Pursel v. Pursel

14 N.J. Eq. 514
CourtNew Jersey Superior Court Appellate Division
DecidedFebruary 15, 1861
StatusPublished
Cited by1 cases

This text of 14 N.J. Eq. 514 (Pursel v. Pursel) is published on Counsel Stack Legal Research, covering New Jersey Superior Court Appellate Division primary law. Counsel Stack provides free access to over 12 million legal documents including statutes, case law, regulations, and constitutions.

Bluebook
Pursel v. Pursel, 14 N.J. Eq. 514 (N.J. Ct. App. 1861).

Opinion

The Ordinary.

John Pursel, of Alexandria, died in the month of May, 1850. The executor made and exhibited an inventory of the estate on the 1st of June, 1850. On the 20th of August, 1859, he exhibited his account for final settlement to the Orphans Court of the county of Hunterdon. By order of the Orphans Court the account was restated, and the executor was charged with additional items, viz. “ advance on the sale of personal property,” “additional rent,” and “ additional interest on moneys received,” amounting to $2098.67, “Eli Pursel’s account, $839.13,” and “Jacob Pursel’s account, $300,” claimed by the executor to fiave been paid by him, were stricken from the account of his disbursements, thus increasing the balance in the hands of the executor, for which he was held liable, $3237.80. There were also added to the account of the disbursements by the executor various items for court, counsel, and surrogate’s fees. The account, thus corrected, was by the decree of the court settled and allowed. From this decree the executor has appealed, assigning, as grounds of appeal, each of the changes made in his account by the decree of the court.

The first ground of appeal is, that the court charged the executor with $164,17 advance on the sale of personal pro[517]*517perty. The evidence in support of this claim rests entirely upon statements furnished by the executor himself, and 'which, it is urged, should be regarded as conclusive against him.

In September, 1852, the executor made and exhibited under oath to the Orphans Court, an account of the personal estate and debts of the testator upon an application for authority to make sale of real estate for the payment of debts. In that account the executor charged himself with the vendue list $226.38,'’ and with amount “ received of individuals for grain $365.68.” The proceeds of the sale of the goods and chattels and of the grain is thus made to amount to $592.06. The amount of goods and chattels and of grain contained in the inventory and appraisement amounts only to $425.89. This shows that the executor had then received on account of grain $166H7. more than the amount at which it was appraised; and with this sum, erroneously entered at $164.17, he was charged in the account as settled by the court.

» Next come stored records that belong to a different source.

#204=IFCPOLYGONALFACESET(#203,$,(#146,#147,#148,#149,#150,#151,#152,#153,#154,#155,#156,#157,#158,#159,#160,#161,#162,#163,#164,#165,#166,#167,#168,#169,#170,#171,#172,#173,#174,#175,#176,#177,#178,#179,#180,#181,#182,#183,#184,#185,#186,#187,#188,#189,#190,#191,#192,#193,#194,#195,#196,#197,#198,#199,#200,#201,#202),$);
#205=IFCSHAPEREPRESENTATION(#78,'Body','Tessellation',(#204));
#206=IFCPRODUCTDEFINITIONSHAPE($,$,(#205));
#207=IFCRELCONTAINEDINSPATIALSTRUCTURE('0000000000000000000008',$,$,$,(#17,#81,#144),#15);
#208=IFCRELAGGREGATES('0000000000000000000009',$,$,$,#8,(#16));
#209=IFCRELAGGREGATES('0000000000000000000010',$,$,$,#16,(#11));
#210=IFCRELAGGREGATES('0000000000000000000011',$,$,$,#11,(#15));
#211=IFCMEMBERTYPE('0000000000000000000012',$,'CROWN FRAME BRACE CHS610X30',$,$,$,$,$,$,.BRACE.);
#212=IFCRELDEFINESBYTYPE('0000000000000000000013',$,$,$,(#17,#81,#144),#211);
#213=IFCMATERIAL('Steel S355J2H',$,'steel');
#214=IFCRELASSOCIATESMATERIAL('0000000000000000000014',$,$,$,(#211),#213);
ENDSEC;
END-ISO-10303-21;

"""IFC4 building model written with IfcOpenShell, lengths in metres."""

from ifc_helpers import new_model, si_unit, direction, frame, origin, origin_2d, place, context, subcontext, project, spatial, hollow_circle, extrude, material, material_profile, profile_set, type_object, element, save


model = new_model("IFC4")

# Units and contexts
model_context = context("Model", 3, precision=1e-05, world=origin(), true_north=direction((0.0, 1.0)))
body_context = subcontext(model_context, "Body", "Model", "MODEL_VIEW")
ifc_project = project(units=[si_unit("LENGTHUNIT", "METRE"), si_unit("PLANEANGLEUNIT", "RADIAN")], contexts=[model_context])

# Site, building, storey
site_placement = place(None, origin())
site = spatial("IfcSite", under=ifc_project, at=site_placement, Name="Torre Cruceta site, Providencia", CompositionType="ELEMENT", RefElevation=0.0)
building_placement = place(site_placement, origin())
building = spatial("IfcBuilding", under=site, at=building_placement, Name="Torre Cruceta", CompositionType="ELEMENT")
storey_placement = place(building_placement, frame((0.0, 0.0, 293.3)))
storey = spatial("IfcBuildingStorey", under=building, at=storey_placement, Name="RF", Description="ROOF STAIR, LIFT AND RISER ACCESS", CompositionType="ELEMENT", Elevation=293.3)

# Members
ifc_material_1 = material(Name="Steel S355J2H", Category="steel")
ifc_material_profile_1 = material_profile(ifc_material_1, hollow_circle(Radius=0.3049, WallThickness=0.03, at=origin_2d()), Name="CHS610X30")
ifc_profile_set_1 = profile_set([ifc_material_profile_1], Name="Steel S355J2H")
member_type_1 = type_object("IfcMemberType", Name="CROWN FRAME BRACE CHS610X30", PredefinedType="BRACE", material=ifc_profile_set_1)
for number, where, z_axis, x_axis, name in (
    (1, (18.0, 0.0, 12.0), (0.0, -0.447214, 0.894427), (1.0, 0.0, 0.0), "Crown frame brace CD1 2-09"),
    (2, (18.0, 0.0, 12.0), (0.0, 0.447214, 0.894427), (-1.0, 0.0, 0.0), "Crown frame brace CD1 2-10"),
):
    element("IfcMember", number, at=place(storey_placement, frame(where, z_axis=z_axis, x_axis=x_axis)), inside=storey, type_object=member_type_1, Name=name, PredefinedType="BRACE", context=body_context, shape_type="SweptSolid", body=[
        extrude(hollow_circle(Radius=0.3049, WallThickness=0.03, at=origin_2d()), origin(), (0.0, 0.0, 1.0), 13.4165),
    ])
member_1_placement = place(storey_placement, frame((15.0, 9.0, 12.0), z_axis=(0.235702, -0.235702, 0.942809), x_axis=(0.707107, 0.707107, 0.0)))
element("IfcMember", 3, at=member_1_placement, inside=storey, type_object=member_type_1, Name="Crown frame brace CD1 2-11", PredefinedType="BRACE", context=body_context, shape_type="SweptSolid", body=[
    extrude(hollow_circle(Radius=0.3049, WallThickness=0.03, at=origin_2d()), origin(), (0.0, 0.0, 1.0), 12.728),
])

The natural inference from the face of the inventory and of the account as stated is that the charge is correct. And this inference is confirmed by the executor’s book of account, in which he has charged himself with a much larger amount for grain appraised than appears upon the face of the inventory. The court below therefore very naturally, and upon that evidence alone it would seem very properly decided that the executor should be charged with the excess received for grain above the amount specified in the inventory. Nor did the solution of the difficulty suggested at the bar of this court, to wit, that the excess had been received from the tenants of the Snyder farm, and was not included in the inventory, satisfactorily account for the discrepancy. The receipts from this source prior to the date of the account were much less than the excess, and if the receipts from the homestead farm had been included, they were much greater. It is obvious moreover, from the face of the account, that the executor was attempting to show the deficiency in the estate received, as compared with the appraisement. lie states [518]*518that deficit at $61.85. With this object in view, he would not have included receipts from any other source than the items comprised in the inventory without a special mention of that fact. With this view of the evidence this court, upon the argument, was satisfied that the court below were right in making the allowance. It is nevertheless an error which is susceptible of demonstration from the evidence in the cause.

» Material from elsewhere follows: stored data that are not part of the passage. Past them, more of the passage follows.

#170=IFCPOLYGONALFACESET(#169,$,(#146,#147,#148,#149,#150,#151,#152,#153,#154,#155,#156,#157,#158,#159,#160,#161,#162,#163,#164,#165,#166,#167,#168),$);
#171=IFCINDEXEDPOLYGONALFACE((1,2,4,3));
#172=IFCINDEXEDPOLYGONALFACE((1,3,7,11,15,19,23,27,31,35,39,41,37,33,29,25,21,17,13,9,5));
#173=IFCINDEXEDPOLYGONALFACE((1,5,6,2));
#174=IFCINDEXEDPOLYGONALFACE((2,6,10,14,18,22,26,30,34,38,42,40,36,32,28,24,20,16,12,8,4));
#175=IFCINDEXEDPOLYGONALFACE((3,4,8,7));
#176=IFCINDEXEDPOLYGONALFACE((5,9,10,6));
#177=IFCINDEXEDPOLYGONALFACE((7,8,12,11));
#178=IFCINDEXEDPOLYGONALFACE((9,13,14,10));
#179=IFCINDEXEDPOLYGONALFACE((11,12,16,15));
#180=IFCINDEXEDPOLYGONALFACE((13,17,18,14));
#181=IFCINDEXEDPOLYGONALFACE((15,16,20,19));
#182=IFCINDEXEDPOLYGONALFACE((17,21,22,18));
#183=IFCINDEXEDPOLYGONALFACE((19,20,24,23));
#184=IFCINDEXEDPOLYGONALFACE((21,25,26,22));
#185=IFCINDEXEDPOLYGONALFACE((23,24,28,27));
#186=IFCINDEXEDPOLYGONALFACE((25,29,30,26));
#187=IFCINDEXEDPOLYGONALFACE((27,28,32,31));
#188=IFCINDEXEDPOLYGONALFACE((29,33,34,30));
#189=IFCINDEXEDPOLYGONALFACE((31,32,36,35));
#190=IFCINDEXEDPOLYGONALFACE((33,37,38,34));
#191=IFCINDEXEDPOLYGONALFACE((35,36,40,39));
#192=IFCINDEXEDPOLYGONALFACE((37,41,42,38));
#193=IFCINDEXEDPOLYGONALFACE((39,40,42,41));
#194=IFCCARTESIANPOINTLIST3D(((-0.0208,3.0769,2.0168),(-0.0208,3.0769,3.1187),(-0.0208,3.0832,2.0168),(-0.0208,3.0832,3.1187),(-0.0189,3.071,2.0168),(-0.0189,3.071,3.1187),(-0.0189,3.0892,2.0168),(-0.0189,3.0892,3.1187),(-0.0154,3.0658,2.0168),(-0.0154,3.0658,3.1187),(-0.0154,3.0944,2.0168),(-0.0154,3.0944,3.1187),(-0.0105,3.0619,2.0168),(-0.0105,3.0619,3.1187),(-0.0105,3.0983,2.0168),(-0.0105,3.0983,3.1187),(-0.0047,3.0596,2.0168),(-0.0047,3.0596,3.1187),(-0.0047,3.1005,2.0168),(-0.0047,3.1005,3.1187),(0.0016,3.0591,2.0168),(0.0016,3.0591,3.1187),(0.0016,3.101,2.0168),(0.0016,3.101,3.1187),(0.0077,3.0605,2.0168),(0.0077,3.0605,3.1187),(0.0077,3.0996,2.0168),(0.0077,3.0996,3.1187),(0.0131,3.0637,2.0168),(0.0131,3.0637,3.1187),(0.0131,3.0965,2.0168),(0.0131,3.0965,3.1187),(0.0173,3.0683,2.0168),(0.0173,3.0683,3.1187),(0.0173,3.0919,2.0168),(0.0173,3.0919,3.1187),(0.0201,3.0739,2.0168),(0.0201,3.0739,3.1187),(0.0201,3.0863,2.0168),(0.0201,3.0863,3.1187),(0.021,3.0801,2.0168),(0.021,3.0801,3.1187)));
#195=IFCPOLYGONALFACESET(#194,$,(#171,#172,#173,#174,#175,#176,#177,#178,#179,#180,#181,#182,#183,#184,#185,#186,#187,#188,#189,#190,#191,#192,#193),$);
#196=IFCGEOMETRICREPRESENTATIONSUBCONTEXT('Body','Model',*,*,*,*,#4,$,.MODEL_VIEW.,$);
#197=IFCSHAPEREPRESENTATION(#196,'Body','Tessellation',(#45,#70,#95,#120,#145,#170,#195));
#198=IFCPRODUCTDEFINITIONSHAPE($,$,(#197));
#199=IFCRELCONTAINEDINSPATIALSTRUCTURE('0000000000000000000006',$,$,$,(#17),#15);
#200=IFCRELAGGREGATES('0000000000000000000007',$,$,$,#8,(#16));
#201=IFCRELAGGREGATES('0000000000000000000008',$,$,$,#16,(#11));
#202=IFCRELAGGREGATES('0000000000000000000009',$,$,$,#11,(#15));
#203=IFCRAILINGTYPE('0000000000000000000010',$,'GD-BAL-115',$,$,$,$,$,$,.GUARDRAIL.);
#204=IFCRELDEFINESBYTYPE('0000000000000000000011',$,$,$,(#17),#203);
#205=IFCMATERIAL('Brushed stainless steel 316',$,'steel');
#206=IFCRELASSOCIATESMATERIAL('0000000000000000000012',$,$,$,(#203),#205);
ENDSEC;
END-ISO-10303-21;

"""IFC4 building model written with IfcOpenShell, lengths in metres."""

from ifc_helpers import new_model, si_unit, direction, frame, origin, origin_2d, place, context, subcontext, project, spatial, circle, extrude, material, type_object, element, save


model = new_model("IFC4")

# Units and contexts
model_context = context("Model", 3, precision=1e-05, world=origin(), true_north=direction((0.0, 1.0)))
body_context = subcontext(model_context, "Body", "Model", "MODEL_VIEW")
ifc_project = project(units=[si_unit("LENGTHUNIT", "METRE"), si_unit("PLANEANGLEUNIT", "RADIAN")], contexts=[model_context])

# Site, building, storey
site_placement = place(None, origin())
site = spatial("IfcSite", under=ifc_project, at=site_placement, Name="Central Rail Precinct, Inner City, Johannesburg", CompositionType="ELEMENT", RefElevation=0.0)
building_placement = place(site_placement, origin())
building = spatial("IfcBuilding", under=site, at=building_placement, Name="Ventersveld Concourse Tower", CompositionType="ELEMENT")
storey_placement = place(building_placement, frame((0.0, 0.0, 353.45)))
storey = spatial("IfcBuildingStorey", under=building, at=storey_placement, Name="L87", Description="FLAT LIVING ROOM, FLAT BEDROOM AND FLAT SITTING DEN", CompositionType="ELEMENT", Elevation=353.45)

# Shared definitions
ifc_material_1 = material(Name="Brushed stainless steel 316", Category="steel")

Among the items contained in the inventory on file is the following: “A. Godley and others, $174.62.” No explanation is given of the nature or origin of the indebtedness. The executor, in his evidence, states that that item is for grain hauled to Godley’s mills before the testator died.” On turning to a rough and more specific inventory of the estate, which was never filed, and which was put in evidence not by the executor but by the exceptant, the following items appear :

Balance due from Augustus Godley, $118.44

Due from Samuel Vansyckle, 42.18

Forman Vanderbilt, flaxseed, 14.00

Amounting to $174.62

and corresponding in amount with the item contained in the inventory on file, as “A Godley and others, $174.62.”

In the executor’s book of account, among the credits of moneys received, are found the following entries :

1850. June 12, Gash from Samuel Vansyckle, ap-

praised, $42.18

“ 20, Received of Augustus Godley balance due for grain, appraised, 118.44

1851. May 30, Cash of Forman Vanderbelt, appraised, 14.00

Also the following:

1850. June 20, Gash received for oats, appraised, 8.40

“ ' Aug. 2, Cash of A. Goodley, for grain appraised, ; 169.01

1852. March 29, Gash of Charles Bartolette, for oats appraised, 13.65

Amounting to $365.68

[519]*519These items were all received prior to the application by the executor to sell the real estate, and they constitute the precise amount with which the executor then charged himself as received of individuals for grain.” It is obvious, therefore, that the supposed discrepancy does not exist, and that the charge against the executor is erroneous. The whole difficulty has grown out of the defective character of the inventory, and exhibits in a striking point of view the impropriety of suffering such inventories to be filed. They are in direct contravention of the act of 1855. Nix. Dig. 561, § 49. They do not answer the design of the law. They fail to furnish to parties interested the very information which they were designed to supply. They often lead, as in this case, to useless litigation, imperil the rights of parties, impose upon courts the painful duty of groping for the truth in the dark, or of deciding by uncertain and unreliable tests of truth. The court below were misled entirely by the defects and virtual misrepresentations of the inventory, and this court was saved from falling into the same error mainly by exhibits offered on the part of the exceptant. In this case it is true the loss of the mistake would have fallen where it justly belonged, on the head of the party guilty of the negligence that occasioned it. But it falls, it is to be feared, too often upon unsuspecting heirs and confiding relatives, who are made the victims of the carelessness or fraud which covers up the real truth under the shelter of general and unintelligible inventories. I know that these inventories are frequently exhibited under the plea of economy, the executor retaining in his possession, as in this ease, a more specific one. But that does not answer the design of the law. The parties interested are entitled to the information as well as the executor. It should be in their power, as well as in his, and should not be subject to the hazard of suppression or loss. I feel it my duty to protest earnestly against the practice, not only from the embarrassment it has occasioned in this particular case, but because I regard it as a fruitful source of litigation and as opening a wide door to [520]*520fraud and injustice.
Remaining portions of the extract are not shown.